Wednesday, August 10, 2016

Andre Van Staden Analyzes Mr. 58's Swing

Here's a video from instructor, Andre Van Staden, analyzing what makes Jim Furyk's swing so good:


Wednesday, August 3, 2016

Dana Dahlquist and the Flat Spot in the Golf Swing

Here's a video from Dana Dahlquist with his student discussing angle of attack and the flat spot.

Some golfers may not understand the importance of the flat spot.  I had first heard the 'flat spot' bandied about by Jim McLean in one of his books (I think it was The 8 Step Swing).  IIRC, all McLean discussed was his belief that a flat spot existed and that you wanted to hit your driver on the flat spot.

It wasn't until recently that Chris Como and Dr. Sasho MacKenzie started to research the flat spot and found that it did exist and the longer the flat spot, the better.  The long the flat spot it creates more speed due to creating more parametric acceleration.  Furthermore, it makes the golfer more consistent and more accurate.

This is what I think was the real secret to Moe Norman's success.  Watch this video of Moe hitting balls.  At this point, Moe's eyesight is becoming an issue and he was grossly overweight and in his 60's.

Moe is still hitting the ball well, but you can see instances where his club head is hitting the turf further back, behind the ball.  Yet...he still hits the ball well.

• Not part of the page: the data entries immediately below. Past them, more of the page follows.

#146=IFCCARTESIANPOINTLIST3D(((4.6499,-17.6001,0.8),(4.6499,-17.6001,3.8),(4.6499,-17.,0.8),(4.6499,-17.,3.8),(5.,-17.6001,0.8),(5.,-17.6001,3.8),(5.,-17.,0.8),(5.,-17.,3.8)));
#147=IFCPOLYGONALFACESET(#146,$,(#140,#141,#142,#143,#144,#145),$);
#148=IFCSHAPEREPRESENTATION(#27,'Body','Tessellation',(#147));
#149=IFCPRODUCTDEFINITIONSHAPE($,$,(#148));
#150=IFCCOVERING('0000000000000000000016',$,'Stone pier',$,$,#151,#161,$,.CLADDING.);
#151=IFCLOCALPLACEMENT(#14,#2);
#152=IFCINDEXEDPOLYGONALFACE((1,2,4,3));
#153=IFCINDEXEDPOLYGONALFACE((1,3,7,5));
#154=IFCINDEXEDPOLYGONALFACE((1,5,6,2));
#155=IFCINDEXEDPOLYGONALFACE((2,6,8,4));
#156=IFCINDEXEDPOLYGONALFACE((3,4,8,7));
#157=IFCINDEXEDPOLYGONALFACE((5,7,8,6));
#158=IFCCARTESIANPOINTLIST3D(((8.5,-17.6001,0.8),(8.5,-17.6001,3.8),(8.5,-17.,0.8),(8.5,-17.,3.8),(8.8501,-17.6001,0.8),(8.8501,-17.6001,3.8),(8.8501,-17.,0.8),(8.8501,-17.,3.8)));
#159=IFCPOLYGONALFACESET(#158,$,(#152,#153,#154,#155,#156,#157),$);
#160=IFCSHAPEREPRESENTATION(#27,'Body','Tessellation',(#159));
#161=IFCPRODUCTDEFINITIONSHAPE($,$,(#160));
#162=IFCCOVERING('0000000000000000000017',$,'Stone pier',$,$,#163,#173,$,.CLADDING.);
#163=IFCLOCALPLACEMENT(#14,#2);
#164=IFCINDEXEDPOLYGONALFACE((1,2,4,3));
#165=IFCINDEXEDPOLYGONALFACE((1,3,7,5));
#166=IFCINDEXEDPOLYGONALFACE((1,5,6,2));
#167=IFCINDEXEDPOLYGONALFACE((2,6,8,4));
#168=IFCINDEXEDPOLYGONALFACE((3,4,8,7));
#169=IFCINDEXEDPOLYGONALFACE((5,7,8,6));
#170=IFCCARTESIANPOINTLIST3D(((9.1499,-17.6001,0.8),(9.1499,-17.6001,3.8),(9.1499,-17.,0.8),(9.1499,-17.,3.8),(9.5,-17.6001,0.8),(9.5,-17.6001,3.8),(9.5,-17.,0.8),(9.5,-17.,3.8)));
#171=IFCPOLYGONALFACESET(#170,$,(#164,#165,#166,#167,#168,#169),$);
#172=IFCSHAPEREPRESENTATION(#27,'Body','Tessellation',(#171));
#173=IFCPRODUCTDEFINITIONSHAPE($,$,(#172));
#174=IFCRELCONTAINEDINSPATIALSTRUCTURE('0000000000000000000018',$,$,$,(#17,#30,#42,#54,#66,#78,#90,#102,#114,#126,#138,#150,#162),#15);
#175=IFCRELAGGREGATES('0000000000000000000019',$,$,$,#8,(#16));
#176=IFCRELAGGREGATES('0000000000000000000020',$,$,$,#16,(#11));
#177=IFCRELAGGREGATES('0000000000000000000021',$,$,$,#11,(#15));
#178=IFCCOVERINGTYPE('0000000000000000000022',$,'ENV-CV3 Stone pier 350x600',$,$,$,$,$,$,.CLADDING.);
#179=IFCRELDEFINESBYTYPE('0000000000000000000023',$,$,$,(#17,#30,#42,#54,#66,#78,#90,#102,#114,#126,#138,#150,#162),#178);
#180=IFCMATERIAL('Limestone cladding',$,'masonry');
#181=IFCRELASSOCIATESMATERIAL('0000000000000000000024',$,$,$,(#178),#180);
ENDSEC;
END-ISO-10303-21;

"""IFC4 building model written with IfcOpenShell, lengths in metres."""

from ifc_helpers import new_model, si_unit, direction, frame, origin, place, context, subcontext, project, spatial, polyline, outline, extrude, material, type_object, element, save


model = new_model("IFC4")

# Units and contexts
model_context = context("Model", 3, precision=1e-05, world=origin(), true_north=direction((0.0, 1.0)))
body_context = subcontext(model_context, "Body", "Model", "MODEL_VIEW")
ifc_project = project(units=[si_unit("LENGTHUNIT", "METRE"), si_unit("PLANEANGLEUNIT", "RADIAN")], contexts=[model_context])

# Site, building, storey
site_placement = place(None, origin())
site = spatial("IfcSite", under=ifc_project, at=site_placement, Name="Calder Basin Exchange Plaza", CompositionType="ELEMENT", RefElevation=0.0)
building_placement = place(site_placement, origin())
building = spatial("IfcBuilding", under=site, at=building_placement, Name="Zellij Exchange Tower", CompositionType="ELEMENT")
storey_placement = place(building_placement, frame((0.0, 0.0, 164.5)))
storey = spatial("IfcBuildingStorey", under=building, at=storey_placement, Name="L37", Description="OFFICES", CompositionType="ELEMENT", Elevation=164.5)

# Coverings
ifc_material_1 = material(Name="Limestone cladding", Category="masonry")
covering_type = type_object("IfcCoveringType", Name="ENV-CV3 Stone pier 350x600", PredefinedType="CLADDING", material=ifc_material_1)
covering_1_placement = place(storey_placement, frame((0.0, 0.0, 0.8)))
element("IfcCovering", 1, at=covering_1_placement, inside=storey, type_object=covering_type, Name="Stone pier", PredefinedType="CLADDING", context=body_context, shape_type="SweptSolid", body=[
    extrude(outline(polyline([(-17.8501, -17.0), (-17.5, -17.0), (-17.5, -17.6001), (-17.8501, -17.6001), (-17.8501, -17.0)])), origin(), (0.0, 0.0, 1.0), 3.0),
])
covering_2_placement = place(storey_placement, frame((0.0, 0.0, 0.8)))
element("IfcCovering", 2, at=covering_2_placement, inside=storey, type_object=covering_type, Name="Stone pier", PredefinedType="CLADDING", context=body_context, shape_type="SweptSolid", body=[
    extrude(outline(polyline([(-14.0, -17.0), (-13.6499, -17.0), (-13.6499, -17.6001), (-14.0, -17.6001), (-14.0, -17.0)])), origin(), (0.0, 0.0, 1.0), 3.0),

What we also know about Moe?

He was known for small divots or almost no divot.  As Moe said 'bacon strips, not pork chops.'

Of course, some will dispute that Moe wasn't long.  However, these people usually saw Moe when he was in his 50's and 60's and was out-of-shape.  A few years ago I was told that Moe's driver weighed in at 465 grams.  I've been known to have a heavy driver and at its heaviest mine weighed 337 grams.

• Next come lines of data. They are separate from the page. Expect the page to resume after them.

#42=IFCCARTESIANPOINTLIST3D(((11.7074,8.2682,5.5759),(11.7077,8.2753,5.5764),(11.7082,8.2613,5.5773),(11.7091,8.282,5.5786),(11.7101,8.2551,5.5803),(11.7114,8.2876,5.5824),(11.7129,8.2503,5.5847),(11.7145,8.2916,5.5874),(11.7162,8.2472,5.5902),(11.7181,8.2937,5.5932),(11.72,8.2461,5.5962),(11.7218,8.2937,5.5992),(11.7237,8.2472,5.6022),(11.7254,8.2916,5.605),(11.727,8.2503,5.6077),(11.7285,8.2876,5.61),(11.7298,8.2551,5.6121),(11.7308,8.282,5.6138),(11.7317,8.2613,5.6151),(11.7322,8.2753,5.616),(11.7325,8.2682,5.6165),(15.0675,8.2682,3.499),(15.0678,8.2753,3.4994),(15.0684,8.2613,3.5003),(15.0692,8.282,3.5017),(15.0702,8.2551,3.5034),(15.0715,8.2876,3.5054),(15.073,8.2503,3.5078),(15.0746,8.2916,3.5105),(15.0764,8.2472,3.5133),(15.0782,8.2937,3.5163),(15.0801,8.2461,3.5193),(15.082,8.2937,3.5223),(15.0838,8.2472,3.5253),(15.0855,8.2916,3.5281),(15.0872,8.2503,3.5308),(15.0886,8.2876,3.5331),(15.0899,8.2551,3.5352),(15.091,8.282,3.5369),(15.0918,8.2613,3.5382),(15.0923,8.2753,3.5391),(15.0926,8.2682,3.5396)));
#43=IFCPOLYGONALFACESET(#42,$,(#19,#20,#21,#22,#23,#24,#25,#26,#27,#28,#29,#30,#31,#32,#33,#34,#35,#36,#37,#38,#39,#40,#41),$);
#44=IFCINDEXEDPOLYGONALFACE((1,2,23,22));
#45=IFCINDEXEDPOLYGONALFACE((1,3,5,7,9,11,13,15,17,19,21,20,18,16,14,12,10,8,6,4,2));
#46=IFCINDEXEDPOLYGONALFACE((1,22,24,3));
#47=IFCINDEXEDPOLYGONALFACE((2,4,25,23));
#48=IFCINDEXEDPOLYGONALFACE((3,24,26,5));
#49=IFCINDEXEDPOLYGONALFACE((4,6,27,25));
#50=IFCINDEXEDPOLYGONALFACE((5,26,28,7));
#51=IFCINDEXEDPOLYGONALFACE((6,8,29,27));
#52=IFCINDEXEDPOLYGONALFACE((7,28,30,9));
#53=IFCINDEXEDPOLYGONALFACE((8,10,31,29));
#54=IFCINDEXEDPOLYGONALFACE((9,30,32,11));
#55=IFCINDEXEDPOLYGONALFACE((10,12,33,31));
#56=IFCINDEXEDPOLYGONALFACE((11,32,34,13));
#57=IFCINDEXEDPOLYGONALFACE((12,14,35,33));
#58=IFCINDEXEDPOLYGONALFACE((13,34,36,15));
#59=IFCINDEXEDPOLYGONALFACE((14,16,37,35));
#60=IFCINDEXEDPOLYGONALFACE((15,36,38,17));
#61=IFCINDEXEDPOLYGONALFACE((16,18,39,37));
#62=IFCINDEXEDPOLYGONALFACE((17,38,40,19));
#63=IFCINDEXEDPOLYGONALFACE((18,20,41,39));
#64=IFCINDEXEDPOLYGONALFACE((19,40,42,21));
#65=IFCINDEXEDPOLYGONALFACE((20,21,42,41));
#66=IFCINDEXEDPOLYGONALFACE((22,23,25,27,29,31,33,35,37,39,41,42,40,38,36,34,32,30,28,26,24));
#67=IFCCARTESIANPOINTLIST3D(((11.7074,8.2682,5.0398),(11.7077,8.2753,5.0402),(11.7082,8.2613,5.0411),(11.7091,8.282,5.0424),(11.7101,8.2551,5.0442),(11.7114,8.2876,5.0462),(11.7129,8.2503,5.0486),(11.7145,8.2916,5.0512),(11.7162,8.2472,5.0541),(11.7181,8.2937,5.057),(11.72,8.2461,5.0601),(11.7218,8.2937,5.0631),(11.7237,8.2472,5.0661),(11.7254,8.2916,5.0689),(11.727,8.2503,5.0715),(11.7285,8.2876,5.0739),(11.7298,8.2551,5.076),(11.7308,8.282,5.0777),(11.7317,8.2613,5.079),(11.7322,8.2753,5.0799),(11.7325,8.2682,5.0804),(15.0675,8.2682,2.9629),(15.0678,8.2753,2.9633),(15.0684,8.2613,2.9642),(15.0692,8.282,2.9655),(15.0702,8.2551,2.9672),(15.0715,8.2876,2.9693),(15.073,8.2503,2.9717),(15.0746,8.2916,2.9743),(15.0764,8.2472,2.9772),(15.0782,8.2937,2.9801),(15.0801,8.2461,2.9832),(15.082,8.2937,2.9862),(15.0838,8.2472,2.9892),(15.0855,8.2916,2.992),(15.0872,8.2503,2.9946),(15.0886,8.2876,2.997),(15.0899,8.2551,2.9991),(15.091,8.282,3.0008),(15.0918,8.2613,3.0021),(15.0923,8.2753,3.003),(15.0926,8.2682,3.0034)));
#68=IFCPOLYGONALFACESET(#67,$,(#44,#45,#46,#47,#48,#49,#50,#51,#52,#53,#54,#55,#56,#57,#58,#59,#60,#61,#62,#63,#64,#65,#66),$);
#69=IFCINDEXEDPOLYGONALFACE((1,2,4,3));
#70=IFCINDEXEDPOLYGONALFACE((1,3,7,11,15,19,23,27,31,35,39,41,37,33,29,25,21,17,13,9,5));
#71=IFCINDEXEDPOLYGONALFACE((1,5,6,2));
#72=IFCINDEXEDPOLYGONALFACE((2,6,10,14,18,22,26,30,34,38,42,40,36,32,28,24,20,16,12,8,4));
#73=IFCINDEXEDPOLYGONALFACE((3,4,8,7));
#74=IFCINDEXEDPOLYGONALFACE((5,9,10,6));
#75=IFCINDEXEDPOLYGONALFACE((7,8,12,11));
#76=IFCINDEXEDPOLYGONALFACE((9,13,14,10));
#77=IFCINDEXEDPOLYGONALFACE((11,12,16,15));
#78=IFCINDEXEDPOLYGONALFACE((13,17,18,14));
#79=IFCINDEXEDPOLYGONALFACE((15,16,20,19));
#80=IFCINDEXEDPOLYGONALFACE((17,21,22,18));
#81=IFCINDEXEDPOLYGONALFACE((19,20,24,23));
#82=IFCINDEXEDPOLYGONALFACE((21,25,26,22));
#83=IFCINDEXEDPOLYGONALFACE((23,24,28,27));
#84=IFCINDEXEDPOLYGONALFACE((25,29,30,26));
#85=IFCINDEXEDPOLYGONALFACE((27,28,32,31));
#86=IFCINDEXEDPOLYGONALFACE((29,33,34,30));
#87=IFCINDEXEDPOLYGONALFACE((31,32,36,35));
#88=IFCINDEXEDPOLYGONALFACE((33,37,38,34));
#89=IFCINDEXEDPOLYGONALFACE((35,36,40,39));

That's 128 grams heavier than my driver!

So if you find a way to lengthen that flat spot, I say go for it.


Tuesday, August 2, 2016

Golf and Visualization with Eric Jones

Here's a couple of videos from Eric Jones discussing visualization in the golf swing.  I've found that quality visualization has a far larger reaching impact on your performance than consciously thinking about swing mechanics.

It's not that swing mechanics are unimportant, but being able to sense and feel those swing mechanics BEFORE you make your swing is something that I have found enables me to execute those mechanics and perform better than when I consciously think about swing mechanics.

A long time ago I had read an article about Fred Couples.  In the article they asked Fred how he hits a draw.  He says he visualizes a draw in his pre-shot routine and he hits the draw.  The same with a fade.

For years...I thought Couples was either goofing on the interviewer or was some surreal talent (well, he is that) that could make that work, but no ordinary human could reproduce that type of magic.

After understanding visualization better, I started to be able to do the same thing.  Instead of thinking about mechanics to hit a draw on command, I would visualize the shot and sense the swing I needed to make to produce that shot BEFORE I swung the club and I started producing that shot on command.

What I have seen thus far is when I can really visualize the ball's flight trajectory and then visualize myself making the swing I want to make, that's when I hit pay dirt and golf becomes really easy for me.  It's almost like an out-of-body experience of not only visualizing, but actually feeling the muscles, the balance of your body, etc. hitting the shot despite the fact that I'm standing behind the ball in my pre-shot routine.

Hall of Famer and arguably the greatest left hand pitcher of all time, Steve Carlton, was known to visualize himself getting into 'the zone' before a game and obviously it worked quite well for him.  I hope to have more blog posts on this to come.